Stevenson goes on to describe two kinds of quality, intrinsic and internal. I have to say I'm not quite sure I understand the distinction very well. Here's my take. Stevenson defines intrinsic quality as "the sum total of our faith in the system of models and machines." He says about internal quality, "each dimension [of insight and knowledge we receive from the simulation?], such as the mathematics or the physics, has its own idea of internal quality."
I think what he's doing here is making a distinction in quality that's analogous to the distinction between verification and validation in that intrinsic quality applies to the match between observational and theoretical systems, and internal quality applies to theoretical and
calculational systems. Intrinsic quality is an epistemological notion of a good modelling endeavour. It is what we're talking about when we ask: regardless of any possible implementation, what needs to be present in any model and implementation for the modelling effort to be a good one in terms of getting us insight and knowledge?
Internal quality looks at the quality issue from the other side.
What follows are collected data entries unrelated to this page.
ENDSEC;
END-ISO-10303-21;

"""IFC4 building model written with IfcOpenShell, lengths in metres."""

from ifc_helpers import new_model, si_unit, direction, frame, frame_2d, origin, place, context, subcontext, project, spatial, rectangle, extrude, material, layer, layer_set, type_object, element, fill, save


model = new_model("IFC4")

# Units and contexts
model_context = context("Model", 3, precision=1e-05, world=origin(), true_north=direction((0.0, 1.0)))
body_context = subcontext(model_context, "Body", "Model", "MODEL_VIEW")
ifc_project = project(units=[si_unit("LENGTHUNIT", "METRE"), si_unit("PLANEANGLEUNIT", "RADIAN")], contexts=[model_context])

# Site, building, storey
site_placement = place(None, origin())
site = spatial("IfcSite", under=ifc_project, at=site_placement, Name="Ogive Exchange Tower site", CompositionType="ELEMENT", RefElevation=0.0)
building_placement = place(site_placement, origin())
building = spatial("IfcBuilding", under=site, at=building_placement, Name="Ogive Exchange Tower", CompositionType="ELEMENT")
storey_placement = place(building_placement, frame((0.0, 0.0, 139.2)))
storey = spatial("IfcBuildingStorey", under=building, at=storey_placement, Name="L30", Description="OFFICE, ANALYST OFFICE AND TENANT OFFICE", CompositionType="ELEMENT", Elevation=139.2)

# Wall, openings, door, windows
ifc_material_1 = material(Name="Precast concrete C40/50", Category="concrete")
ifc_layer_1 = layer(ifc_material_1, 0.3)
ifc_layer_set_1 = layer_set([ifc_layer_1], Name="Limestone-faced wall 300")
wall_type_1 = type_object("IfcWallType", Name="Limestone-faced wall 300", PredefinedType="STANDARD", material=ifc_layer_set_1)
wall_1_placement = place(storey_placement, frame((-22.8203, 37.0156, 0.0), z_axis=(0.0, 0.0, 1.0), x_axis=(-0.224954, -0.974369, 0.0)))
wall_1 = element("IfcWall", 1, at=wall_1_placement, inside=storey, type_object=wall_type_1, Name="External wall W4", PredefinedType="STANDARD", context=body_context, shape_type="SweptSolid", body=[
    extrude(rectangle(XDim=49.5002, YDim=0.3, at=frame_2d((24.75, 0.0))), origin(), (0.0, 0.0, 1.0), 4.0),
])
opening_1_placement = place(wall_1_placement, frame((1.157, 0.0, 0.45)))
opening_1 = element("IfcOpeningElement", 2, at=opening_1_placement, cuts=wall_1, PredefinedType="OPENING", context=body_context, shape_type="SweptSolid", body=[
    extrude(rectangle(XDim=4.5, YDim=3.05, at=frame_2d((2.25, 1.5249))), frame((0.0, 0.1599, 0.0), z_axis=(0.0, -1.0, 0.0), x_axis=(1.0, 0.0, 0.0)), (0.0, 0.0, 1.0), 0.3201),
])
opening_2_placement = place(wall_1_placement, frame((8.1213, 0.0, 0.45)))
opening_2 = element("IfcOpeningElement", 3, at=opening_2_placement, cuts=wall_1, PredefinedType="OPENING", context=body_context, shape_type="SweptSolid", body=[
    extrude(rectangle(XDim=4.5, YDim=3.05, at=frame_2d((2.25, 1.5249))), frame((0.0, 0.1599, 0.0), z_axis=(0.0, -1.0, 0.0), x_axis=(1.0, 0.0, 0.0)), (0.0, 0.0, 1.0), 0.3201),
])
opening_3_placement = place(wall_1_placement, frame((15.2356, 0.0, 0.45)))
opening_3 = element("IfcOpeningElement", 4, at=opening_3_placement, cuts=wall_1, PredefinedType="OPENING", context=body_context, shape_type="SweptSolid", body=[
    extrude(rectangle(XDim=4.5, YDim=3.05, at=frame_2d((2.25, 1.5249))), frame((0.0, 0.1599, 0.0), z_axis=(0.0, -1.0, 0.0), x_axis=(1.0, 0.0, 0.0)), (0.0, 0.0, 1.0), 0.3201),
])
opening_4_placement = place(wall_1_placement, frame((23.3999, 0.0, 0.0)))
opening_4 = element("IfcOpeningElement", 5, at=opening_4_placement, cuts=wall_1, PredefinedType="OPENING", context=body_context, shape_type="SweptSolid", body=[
It assumes (or disregards) intrinsic quality, and focuses just on how good our model and implementation is in terms of the kinds of knowledge we have already. For a mathematician or scientist in general, internal quality may relate to the simplicity or elegance of the model. For a computer scientist or engineer, internal quality may relate to the simplicity or robustness of the code.
Stevenson's point is, I think, that ultimately we computer scientists don't have a clear justification for our measures of quality. If insight and knowledge is the end goal of modelling, we need to have a clear sense of intrinsic quality in our endeavour. Then we need to use this understanding to inform our measures of internal quality. Otherwise we're just measuring things because we can, not because they show us the way to better science.